In 1999, Tim Haines, BBC Studios Science Unit, Discovery Channel, and Framestore released an ambitious six-part nature documentary television miniseries, Walking with Dinosaurs, that mixed real locations with CGI to give audiences an idea of what it was like when the extinct creatures roamed the Earth. Fast forward to 2024 where CGI has become photorealistic and the streaming services have emerged as the dominant viewing platform. Apple, the BBC Natural History Unit, David Attenborough, and MPC collaborated to create Prehistoric Planet, while Netflix went about producing Life on Our Planet with the help of Silverback Films, Morgan Freeman and ILM.
Both Prehistoric Planet and Life on Our Planet rely upon combining the expertise of Oscar-winning visual effects companies and renowned natural history cinematographers to turn fossils into living and breathing creatures; this hybrid approach has provided an opportunity to expand the visual language. “The value of a natural history background in the director is important because it’s telling stories about animal behaviour,” notes David Baillie, whose career includes shooting aerials for Prehistoric Planet 2. “But because we have actors that we can control, let’s use all of the techniques of drama filming to tell this story rather than being hung up on trying to shoot it as if we’re a natural history crew.”
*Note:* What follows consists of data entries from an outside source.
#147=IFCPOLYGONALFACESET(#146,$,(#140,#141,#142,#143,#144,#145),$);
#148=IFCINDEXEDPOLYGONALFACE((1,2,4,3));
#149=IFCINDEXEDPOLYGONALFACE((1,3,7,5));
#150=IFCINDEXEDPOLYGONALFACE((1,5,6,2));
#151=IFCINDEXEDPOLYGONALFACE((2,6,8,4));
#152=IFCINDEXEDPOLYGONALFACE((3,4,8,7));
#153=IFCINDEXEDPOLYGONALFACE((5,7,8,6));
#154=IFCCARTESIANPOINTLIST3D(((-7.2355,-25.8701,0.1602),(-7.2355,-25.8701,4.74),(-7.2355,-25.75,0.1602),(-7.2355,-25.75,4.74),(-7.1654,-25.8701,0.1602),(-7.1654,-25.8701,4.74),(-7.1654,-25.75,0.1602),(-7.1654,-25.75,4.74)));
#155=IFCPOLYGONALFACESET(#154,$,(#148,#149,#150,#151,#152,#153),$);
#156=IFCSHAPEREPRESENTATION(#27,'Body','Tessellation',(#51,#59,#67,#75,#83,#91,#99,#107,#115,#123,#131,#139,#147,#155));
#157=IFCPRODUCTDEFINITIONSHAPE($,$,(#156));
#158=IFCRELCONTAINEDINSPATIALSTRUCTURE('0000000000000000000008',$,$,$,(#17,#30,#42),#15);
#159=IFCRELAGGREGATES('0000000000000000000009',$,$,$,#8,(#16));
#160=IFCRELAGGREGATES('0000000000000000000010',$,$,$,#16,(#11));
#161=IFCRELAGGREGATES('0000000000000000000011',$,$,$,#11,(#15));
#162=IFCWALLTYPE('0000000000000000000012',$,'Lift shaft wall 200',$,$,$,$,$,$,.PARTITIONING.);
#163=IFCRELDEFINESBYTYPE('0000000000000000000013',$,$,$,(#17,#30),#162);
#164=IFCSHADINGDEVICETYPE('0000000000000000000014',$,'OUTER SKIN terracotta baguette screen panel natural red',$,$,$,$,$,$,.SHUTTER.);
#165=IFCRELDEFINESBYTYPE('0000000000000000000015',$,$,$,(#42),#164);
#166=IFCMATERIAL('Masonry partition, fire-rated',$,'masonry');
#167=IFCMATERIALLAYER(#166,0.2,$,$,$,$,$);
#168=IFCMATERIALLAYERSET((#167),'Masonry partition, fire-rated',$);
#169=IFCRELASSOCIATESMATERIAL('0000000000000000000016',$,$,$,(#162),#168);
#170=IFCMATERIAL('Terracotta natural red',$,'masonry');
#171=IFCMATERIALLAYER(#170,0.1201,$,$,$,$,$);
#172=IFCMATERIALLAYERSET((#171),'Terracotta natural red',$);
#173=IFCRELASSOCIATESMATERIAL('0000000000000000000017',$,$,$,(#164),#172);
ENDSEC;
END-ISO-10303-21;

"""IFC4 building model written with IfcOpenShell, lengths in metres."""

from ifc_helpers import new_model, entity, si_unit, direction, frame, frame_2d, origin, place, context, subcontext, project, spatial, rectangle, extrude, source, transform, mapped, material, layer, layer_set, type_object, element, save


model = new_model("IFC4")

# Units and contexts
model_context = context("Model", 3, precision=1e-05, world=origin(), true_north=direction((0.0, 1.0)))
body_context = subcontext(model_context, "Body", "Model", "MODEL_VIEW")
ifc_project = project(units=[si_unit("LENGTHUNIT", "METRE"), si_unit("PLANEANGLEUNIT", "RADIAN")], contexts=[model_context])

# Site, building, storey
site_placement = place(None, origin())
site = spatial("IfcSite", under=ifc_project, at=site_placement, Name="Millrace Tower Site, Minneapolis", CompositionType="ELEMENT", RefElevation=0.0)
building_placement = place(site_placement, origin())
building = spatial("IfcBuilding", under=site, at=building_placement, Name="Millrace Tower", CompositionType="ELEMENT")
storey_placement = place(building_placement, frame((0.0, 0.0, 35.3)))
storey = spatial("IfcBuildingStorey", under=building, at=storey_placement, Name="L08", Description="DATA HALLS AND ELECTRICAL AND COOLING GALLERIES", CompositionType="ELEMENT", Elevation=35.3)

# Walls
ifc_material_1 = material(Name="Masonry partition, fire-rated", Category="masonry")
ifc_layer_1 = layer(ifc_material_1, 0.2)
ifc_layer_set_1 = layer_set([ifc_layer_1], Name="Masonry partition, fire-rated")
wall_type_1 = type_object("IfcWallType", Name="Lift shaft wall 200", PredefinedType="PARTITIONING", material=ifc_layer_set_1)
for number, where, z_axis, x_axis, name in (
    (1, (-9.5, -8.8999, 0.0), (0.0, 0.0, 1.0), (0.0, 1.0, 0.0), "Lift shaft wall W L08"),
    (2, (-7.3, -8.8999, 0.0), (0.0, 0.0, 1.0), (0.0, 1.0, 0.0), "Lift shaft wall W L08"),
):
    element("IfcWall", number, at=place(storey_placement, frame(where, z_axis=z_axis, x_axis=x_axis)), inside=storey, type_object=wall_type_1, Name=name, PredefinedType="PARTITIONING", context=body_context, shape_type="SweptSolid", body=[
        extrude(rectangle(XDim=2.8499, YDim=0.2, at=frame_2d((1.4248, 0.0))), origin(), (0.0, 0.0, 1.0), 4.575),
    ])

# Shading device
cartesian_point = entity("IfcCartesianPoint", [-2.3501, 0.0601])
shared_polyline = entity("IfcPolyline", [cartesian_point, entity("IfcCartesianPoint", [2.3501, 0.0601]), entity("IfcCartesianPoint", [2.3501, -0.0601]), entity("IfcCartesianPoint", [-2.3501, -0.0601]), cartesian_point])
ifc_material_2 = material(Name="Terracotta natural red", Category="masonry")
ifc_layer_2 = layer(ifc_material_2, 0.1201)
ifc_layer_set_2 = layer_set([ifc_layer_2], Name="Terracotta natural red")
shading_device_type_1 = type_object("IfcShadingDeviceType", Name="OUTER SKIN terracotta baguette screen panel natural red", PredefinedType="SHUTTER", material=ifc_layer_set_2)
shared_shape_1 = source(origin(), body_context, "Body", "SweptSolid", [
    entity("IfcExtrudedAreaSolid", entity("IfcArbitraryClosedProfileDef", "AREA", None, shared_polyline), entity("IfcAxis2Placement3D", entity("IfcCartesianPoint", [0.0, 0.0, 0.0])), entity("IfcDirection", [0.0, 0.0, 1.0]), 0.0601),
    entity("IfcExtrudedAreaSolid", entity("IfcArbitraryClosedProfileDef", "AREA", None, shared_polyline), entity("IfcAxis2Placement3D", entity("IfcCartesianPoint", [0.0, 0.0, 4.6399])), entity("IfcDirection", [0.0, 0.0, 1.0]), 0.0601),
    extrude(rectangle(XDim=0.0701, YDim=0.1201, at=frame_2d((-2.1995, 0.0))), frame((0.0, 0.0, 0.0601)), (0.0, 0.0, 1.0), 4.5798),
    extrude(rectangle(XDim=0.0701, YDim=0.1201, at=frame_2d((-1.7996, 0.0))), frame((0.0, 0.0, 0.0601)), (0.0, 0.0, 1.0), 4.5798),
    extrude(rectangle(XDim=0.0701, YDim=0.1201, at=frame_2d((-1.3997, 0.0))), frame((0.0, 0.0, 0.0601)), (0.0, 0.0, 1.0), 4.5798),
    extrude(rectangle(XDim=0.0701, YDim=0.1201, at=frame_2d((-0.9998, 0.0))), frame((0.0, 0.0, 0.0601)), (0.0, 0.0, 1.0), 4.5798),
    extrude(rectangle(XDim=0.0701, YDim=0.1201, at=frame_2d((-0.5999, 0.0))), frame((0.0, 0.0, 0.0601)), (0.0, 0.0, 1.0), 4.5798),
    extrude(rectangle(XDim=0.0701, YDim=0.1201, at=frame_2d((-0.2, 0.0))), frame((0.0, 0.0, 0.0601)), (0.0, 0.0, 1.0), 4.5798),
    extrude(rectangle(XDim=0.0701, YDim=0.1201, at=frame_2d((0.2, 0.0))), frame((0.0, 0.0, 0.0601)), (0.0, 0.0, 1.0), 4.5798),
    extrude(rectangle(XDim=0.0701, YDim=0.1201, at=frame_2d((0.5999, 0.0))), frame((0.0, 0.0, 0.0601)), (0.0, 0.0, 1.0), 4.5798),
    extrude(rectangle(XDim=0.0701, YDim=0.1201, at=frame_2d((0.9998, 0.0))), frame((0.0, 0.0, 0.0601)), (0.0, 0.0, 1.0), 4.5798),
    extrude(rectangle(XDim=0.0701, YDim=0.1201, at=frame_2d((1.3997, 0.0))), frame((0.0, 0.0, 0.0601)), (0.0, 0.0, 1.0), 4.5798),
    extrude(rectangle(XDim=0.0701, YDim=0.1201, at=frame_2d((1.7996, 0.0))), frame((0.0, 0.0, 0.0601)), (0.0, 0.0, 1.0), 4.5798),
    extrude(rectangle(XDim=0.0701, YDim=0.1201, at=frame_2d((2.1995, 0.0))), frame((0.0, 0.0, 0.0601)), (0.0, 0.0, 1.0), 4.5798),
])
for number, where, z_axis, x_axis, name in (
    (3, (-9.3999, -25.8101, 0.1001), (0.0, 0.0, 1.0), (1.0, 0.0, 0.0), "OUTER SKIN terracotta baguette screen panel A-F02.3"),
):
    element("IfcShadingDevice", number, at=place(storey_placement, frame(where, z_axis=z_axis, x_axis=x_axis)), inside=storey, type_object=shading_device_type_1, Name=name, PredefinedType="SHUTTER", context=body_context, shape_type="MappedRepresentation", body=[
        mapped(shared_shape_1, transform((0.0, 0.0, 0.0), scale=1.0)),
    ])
Framing was not entirely left up to the imagination. “The close shots [in the “Oceans” episode of Prehistoric Planet 2] were quite interesting because they couldn’t break the ice, so we had a hovercraft bring in a 3D printed head,” reveals Baillie. “I framed up, we took the hovercraft and head out, and then I did the shot. By then I had got it fixed so I knew where it would be.”
The shooting schedule was short and precise, which was something Jamie McPherson had to deal with as the visual effects director of photography for Life on Our Planet. “The main thing about filming natural history is you’ve got a month to film tigers so you’ve got all of those dawns and days, while on a visual effects shoot, you might have four or five days to make that valley in Arizona look as good as it would have done if we were filming it over a month.”
McPherson pioneered taking a Cineflex GSS from a helicopter and attaching it to a vehicle to do tracking shots for the BBC series The Hunt. “It was the first time anyone had ever been alongside wild dogs at 40 miles per hour through Zambia and I was brought onto Life on Our Planet to give the Raptor sequence that same sense of movement and style. You’re going to follow the creatures and find places where you’re alongside them but not right in their faces. We used the same GSS and a Canon 50-1000mm lens to compress it. We felt that would let it sit alongside the natural history scenes in the most seamless way.”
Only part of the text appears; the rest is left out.